Dependence and withdrawal are real concerns with any Schedule IV hypnotic. Patients taking eszopiclone nightly for more than 4 weeks should taper rather than abruptly discontinue. A typical taper reduces the dose by 0.5 mg every 1 to 2 weeks. The risk of physical dependence at standard doses is considered lower than with benzodiazepine hypnotics, but rebound insomnia on discontinuation is well-documented. Rebound insomnia and discontinuation data are reviewed in a PubMed-indexed pharmacology reference.
The AASM clinical practice guideline (Sateia et al., 2017, published in the Journal of Clinical Sleep Medicine) assigned eszopiclone a WEAK recommendation for both sleep-onset and sleep-maintenance insomnia, citing moderate-quality evidence. The guideline authors noted: "The evidence reviewed supports the short-term efficacy of eszopiclone for both sleep onset and sleep maintenance insomnia, though further research is needed to characterize long-term risk." The guideline is indexed on PubMed.

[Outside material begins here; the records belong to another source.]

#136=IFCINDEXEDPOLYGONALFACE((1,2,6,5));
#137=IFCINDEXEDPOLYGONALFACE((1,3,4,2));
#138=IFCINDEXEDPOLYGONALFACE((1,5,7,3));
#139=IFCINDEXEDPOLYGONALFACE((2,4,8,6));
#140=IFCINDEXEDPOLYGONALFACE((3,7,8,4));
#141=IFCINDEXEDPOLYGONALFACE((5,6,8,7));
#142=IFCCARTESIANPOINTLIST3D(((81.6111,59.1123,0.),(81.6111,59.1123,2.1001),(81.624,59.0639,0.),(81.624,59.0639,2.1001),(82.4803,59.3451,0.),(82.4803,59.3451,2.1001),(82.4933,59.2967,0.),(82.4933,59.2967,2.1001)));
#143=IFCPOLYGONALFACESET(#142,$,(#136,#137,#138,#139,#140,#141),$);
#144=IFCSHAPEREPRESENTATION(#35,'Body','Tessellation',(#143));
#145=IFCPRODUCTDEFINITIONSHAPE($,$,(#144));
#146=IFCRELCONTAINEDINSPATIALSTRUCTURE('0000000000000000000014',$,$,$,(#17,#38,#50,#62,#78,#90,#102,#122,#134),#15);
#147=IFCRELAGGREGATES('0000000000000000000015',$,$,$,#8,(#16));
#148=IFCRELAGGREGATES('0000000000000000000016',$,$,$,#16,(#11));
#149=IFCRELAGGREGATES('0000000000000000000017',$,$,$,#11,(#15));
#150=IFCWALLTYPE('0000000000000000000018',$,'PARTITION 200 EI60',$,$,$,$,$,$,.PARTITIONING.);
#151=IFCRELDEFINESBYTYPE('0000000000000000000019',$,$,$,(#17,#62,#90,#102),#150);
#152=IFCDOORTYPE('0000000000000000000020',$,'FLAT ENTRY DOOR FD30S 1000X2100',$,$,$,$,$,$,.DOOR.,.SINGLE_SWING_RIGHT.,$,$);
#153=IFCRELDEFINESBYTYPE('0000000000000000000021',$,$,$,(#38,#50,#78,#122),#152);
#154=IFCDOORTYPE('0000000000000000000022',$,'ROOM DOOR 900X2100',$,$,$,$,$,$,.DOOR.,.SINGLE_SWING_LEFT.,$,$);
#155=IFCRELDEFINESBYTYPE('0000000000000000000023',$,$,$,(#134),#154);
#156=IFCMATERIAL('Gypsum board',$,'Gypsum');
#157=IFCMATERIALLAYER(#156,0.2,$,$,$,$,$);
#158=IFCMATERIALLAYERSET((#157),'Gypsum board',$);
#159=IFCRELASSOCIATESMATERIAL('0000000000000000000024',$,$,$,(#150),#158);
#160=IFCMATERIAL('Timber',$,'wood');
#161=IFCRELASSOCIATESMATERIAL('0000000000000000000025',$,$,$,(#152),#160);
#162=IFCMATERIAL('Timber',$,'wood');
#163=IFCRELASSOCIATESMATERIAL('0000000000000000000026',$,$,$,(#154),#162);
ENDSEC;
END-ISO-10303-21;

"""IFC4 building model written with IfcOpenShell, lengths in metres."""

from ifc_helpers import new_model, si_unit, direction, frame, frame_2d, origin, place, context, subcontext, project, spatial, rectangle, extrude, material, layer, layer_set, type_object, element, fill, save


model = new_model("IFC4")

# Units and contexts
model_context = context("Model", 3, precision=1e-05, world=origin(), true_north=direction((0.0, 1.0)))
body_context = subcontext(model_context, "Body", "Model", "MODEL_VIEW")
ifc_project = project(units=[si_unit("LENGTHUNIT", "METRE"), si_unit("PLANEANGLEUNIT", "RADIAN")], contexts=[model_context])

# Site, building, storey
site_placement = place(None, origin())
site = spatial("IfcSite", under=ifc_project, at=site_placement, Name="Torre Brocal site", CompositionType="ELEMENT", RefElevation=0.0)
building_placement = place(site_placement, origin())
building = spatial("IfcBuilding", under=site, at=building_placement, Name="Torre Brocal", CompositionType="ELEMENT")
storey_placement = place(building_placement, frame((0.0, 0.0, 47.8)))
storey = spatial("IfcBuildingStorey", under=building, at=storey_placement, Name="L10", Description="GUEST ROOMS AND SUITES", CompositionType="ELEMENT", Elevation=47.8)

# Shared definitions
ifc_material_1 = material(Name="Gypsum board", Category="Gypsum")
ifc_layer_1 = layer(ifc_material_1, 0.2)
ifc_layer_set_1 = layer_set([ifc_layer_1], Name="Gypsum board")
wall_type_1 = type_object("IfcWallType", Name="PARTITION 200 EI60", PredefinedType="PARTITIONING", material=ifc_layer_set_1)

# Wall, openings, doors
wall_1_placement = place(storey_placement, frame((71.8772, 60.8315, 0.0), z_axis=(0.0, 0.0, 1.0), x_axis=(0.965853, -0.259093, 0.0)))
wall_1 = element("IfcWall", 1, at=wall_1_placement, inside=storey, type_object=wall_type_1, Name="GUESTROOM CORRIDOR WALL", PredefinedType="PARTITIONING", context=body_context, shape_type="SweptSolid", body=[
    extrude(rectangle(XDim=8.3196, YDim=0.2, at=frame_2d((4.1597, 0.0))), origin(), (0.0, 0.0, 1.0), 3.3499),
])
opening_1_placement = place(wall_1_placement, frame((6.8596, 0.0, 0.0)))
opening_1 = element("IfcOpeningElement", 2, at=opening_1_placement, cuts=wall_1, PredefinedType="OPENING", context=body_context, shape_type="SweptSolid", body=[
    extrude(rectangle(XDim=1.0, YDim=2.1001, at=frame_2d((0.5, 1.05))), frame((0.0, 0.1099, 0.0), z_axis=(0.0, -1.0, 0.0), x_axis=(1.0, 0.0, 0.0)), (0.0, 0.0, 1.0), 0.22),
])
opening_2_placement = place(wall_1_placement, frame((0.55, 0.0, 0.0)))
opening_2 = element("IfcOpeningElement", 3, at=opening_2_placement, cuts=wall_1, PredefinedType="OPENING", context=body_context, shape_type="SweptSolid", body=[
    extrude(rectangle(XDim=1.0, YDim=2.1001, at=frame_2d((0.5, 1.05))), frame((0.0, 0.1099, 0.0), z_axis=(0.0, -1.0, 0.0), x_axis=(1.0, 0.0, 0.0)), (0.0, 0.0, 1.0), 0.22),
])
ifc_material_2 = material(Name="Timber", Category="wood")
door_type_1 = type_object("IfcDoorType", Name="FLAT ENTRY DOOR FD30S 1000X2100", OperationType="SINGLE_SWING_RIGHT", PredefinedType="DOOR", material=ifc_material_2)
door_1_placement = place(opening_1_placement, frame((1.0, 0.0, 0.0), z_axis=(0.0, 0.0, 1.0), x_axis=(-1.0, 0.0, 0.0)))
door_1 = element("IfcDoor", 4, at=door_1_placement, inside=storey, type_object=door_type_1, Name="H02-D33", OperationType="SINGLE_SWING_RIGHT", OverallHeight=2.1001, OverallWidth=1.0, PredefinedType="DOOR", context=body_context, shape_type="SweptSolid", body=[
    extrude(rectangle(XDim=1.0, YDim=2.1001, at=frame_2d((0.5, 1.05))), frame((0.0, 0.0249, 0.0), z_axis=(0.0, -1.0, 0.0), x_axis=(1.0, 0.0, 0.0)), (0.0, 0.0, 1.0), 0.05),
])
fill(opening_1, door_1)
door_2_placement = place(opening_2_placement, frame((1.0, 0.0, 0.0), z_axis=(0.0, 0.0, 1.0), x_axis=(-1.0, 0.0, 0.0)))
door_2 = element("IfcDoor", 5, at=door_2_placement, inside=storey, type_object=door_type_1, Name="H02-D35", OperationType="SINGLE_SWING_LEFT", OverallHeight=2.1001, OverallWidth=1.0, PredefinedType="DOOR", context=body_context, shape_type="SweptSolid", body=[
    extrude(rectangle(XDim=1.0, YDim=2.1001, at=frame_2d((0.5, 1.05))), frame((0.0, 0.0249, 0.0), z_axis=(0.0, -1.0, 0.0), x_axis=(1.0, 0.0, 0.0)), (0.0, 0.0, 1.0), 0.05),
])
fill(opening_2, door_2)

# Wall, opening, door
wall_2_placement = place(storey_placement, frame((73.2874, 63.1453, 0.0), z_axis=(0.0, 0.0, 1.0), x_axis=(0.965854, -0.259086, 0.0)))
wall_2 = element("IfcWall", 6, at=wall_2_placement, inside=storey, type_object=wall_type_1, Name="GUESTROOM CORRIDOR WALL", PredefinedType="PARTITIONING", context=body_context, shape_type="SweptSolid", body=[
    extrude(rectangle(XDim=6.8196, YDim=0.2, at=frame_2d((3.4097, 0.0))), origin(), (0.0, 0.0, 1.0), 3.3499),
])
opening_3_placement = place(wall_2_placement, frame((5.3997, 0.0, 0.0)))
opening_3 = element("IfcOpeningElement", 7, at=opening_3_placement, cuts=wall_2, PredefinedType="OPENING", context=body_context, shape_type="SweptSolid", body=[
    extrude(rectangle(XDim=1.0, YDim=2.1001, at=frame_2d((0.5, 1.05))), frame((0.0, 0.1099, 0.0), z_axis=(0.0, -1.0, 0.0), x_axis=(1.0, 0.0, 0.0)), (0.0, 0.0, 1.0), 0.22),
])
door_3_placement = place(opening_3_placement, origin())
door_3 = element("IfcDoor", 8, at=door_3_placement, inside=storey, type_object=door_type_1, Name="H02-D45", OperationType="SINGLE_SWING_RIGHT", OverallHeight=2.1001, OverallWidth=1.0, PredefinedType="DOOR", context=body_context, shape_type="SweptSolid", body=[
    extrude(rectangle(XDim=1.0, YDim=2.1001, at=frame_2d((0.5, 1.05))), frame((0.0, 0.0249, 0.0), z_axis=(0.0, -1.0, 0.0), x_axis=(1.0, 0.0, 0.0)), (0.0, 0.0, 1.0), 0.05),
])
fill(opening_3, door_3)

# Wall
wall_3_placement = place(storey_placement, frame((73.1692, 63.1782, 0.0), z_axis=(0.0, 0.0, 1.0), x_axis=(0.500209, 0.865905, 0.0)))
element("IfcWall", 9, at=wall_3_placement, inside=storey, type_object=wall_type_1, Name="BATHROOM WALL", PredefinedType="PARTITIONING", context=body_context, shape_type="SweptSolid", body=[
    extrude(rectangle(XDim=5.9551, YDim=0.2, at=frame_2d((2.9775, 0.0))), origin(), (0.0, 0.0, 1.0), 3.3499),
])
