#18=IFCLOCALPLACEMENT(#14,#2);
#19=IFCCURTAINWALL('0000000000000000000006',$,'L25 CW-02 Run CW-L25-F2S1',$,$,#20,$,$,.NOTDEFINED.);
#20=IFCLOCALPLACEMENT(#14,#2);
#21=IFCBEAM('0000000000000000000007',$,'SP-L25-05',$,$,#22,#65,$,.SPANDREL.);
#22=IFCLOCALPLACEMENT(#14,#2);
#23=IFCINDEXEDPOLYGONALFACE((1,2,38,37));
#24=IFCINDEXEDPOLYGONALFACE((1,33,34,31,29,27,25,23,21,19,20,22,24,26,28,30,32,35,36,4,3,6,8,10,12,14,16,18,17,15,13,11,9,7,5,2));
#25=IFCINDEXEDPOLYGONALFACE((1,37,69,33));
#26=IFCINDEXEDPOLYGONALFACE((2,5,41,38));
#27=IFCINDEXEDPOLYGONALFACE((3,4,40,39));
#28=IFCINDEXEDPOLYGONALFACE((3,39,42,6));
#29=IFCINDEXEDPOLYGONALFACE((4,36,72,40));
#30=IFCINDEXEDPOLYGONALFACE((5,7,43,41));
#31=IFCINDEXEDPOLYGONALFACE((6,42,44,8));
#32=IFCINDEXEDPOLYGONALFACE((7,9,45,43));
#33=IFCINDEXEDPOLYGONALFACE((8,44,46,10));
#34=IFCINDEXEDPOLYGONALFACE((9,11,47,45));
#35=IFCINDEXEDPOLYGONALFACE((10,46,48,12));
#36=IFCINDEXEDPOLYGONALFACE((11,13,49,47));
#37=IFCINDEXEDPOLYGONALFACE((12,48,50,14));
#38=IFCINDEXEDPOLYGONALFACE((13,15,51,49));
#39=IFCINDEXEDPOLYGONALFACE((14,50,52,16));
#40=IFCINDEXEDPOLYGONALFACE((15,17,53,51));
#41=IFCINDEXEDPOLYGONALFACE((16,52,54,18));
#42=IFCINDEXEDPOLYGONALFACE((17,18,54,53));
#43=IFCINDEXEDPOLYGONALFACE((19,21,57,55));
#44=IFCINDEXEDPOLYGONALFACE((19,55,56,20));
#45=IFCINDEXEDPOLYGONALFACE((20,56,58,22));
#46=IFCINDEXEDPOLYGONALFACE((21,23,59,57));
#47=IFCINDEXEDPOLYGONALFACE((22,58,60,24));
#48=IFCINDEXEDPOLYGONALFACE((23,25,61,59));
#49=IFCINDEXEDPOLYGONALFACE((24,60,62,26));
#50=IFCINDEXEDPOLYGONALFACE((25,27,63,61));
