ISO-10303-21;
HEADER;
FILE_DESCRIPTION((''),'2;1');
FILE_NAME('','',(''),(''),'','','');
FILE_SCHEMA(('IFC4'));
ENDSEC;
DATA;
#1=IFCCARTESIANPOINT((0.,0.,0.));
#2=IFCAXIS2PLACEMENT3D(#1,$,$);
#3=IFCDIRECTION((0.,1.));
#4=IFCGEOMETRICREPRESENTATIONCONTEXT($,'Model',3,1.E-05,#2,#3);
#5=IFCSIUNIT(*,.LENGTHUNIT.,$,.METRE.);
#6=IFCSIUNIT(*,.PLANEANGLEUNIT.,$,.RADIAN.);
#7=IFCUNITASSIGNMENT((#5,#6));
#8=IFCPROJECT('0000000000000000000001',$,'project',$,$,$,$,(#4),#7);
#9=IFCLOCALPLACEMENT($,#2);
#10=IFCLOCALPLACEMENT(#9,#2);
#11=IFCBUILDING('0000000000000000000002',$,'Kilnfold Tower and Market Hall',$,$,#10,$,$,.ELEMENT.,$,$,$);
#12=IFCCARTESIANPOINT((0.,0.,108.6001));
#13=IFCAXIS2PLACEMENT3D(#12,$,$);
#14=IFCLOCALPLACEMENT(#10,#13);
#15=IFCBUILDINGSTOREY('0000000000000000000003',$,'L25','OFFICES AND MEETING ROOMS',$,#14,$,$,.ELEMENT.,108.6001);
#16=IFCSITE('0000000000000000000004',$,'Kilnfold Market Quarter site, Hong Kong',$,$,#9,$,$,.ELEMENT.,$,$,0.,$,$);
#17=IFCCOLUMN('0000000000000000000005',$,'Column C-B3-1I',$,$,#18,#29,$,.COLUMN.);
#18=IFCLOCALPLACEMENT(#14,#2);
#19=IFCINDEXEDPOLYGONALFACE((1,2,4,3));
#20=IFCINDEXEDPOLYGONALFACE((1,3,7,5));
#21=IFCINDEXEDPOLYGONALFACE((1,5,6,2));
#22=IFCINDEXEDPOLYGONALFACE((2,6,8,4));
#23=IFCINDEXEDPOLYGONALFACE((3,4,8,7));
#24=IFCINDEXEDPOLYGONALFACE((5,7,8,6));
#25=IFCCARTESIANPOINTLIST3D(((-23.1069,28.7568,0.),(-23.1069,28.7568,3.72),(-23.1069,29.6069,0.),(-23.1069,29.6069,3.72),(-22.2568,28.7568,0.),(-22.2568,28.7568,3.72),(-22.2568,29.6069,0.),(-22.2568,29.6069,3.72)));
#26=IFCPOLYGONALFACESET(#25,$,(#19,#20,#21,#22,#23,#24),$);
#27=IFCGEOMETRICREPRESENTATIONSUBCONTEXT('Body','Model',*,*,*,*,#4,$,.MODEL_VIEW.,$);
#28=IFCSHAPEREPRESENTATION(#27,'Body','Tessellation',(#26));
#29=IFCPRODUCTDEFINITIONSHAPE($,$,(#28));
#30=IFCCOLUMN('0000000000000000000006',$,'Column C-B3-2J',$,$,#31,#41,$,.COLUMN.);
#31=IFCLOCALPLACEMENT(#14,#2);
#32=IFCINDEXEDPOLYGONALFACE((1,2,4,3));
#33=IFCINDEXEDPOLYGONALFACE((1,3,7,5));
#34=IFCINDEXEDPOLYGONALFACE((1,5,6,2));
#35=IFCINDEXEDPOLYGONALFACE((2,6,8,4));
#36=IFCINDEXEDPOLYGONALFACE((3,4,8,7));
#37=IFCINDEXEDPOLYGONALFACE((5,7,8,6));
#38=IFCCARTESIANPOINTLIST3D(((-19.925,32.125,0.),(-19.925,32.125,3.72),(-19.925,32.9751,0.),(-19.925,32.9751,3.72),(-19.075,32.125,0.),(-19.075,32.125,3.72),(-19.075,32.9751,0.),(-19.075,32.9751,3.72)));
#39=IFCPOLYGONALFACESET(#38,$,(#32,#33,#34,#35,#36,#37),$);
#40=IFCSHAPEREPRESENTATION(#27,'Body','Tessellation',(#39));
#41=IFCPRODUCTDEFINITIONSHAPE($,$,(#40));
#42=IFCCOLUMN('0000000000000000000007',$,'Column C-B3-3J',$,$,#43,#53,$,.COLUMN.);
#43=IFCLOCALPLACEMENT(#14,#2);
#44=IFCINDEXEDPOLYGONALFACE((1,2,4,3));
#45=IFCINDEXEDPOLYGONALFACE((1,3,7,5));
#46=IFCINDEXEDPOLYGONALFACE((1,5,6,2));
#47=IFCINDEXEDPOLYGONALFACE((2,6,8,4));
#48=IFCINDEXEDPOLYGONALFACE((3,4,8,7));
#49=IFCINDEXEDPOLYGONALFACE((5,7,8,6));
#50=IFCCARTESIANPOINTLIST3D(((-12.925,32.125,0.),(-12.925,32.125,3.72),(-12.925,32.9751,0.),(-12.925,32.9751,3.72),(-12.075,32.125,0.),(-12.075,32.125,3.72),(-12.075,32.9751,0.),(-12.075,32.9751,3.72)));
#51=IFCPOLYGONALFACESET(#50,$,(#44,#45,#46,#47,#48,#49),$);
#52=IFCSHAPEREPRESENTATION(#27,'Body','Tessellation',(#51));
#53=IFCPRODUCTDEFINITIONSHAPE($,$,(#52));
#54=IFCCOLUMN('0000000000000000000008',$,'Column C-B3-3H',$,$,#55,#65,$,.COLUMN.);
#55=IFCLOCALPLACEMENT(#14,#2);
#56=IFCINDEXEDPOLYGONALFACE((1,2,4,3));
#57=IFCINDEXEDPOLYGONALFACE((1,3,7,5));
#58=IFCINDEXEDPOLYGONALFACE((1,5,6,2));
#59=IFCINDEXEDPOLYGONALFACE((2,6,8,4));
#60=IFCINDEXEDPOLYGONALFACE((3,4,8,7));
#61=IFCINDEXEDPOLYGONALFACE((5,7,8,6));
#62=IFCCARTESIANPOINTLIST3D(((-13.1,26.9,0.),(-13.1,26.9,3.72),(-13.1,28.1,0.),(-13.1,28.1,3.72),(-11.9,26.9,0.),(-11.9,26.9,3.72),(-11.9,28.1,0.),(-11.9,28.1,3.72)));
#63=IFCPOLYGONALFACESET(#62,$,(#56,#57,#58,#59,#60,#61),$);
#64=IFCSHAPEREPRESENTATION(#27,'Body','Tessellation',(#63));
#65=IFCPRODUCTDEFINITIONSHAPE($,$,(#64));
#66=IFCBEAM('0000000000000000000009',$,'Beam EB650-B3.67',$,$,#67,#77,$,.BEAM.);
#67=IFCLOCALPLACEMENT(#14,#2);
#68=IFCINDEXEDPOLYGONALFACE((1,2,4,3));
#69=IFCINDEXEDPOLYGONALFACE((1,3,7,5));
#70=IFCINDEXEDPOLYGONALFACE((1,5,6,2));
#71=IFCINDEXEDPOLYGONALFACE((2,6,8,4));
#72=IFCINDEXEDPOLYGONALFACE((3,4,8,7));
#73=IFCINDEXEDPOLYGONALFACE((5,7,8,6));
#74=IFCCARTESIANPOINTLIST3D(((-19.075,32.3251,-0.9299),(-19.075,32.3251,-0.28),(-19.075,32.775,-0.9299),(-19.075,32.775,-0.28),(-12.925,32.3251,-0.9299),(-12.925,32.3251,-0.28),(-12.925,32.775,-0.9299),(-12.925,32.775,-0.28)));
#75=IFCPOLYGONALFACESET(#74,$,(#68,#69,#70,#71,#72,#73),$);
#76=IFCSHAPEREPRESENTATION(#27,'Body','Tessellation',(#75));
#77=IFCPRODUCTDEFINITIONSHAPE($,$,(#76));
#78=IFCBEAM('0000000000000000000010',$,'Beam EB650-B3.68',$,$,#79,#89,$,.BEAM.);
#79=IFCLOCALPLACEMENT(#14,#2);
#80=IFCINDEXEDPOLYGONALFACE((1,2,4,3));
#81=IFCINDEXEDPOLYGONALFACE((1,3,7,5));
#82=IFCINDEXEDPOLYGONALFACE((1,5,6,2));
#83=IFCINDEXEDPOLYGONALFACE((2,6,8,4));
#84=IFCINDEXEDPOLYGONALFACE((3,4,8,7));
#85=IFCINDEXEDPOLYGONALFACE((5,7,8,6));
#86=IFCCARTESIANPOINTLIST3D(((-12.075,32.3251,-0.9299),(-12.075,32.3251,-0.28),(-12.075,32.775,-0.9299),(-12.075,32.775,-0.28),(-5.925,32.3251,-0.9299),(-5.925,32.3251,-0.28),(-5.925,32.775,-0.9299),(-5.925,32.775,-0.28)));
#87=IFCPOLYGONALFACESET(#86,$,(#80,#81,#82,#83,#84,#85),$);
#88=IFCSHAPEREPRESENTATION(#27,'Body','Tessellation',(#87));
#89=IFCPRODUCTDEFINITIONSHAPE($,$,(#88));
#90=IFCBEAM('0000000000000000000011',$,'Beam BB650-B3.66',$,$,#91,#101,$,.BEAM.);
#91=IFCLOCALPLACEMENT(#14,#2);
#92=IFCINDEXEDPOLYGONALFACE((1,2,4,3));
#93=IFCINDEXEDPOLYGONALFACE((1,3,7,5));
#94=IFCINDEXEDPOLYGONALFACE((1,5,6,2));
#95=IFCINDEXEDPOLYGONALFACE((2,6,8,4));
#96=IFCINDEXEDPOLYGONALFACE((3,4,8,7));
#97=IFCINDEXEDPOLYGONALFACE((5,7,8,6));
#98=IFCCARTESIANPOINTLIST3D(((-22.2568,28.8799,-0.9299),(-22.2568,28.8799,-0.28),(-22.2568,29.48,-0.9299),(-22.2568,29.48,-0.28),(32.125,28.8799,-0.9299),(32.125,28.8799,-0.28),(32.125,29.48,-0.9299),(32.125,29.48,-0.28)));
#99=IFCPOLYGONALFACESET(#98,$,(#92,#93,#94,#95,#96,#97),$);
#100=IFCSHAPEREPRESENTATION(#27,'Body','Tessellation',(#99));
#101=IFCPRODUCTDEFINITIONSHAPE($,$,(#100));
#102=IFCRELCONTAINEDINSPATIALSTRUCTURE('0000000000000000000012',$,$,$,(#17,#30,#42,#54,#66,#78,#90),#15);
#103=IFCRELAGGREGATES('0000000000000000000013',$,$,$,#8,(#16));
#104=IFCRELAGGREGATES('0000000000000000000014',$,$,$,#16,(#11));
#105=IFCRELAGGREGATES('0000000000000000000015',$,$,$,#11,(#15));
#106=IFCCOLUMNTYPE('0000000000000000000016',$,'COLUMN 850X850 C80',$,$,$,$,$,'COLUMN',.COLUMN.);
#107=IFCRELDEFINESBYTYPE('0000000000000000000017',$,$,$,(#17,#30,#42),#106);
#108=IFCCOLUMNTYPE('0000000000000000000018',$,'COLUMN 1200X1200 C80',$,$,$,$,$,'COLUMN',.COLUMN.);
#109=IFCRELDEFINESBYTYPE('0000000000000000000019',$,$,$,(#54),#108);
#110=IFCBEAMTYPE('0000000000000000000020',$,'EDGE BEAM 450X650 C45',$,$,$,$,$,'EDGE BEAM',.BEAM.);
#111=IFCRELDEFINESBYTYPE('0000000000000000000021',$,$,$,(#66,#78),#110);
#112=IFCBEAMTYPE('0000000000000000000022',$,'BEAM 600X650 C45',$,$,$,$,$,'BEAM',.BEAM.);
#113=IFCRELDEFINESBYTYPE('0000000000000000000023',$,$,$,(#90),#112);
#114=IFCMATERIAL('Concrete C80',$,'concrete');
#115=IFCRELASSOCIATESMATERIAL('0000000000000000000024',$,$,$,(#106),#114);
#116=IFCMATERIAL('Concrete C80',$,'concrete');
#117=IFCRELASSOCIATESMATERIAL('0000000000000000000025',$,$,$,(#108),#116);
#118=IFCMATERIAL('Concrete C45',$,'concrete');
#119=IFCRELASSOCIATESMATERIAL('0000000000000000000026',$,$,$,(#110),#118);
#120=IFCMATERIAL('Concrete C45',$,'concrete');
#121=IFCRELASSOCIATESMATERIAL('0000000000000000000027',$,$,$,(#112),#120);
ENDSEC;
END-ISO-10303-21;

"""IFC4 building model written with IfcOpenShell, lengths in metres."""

from ifc_helpers import new_model, si_unit, direction, frame, origin, origin_2d, place, context, subcontext, project, spatial, rectangle, extrude, source, transform, mapped, material, material_profile, profile_set, type_object, element, save


model = new_model("IFC4")

# Units and contexts
model_context = context("Model", 3, precision=1e-05, world=origin(), true_north=direction((0.0, 1.0)))
body_context = subcontext(model_context, "Body", "Model", "MODEL_VIEW")
ifc_project = project(units=[si_unit("LENGTHUNIT", "METRE"), si_unit("PLANEANGLEUNIT", "RADIAN")], contexts=[model_context])

# Site, building, storey
site_placement = place(None, origin())
site = spatial("IfcSite", under=ifc_project, at=site_placement, Name="Kilnfold Market Quarter site, Hong Kong", CompositionType="ELEMENT", RefElevation=0.0)
building_placement = place(site_placement, origin())
building = spatial("IfcBuilding", under=site, at=building_placement, Name="Kilnfold Tower and Market Hall", CompositionType="ELEMENT")
storey_placement = place(building_placement, frame((0.0, 0.0, 108.6001)))
storey = spatial("IfcBuildingStorey", under=building, at=storey_placement, Name="L25", Description="OFFICES AND MEETING ROOMS", CompositionType="ELEMENT", Elevation=108.6001)

# Columns
ifc_material_1 = material(Name="Concrete C80", Category="concrete")
ifc_material_profile_1 = material_profile(ifc_material_1, rectangle(XDim=0.8501, YDim=0.8501, at=origin_2d()), Name="RC 850x850")
ifc_profile_set_1 = profile_set([ifc_material_profile_1], Name="Concrete C80")
column_type_1 = type_object("IfcColumnType", Name="COLUMN 850X850 C80", ElementType="COLUMN", PredefinedType="COLUMN", material=ifc_profile_set_1)
shared_shape_1 = source(origin(), body_context, "Body", "SweptSolid", [
    extrude(rectangle(XDim=0.8501, YDim=0.8501, at=origin_2d()), origin(), (0.0, 0.0, 1.0), 3.72),
])
for number, where, z_axis, x_axis, name in (
    (1, (-22.6819, 29.1819, 0.0), (0.0, 0.0, 1.0), (1.0, 0.0, 0.0), "Column C-B3-1I"),
    (2, (-19.5, 32.55, 0.0), (0.0, 0.0, 1.0), (1.0, 0.0, 0.0), "Column C-B3-2J"),
    (3, (-12.5, 32.55, 0.0), (0.0, 0.0, 1.0), (1.0, 0.0, 0.0), "Column C-B3-3J"),
):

Cognitive Behavioral Therapy for Insomnia: The Required Conversation
Before prescribing eszopiclone, responsible New Jersey clinicians will discuss CBT-I. The AASM designates CBT-I as the first-line treatment for chronic insomnia disorder, ahead of all pharmacotherapy. CBT-I combines sleep restriction, stimulus control, cognitive restructuring, and relaxation techniques. In head-to-head data, CBT-I produces durable improvements that outlast the treatment period, while eszopiclone's benefits diminish after discontinuation. A landmark comparison trial is indexed on PubMed.
New Jersey residents have access to CBT-I through in-person sleep specialists at academic centers including Rutgers Robert Wood Johnson Medical School and Hackensack Meridian Health, as well as through digital CBT-I platforms (such as Sleepio and SHUTi) that the VA health system has validated and that some commercial insurers cover. VA CBT-I clinical data are indexed on PubMed.
Many patients benefit from combination therapy: eszopiclone for short-term symptom control while working through a 6, 8-week CBT-I course. This approach is clinically reasonable and supported by trial data from Morin et al. (JAMA 2009, N=160), which found that combined CBT-I plus zolpidem (a pharmacologically similar agent) outperformed either treatment alone at 6 weeks, though CBT-I alone produced better maintenance of gains at 6 months. The Morin 2009 JAMA trial is indexed on PubMed.
Prescribers who skip this conversation are missing both a clinical and a regulatory obligation. New Jersey Medicaid prior authorization forms specifically ask whether non-pharmacologic treatment has been discussed or attempted.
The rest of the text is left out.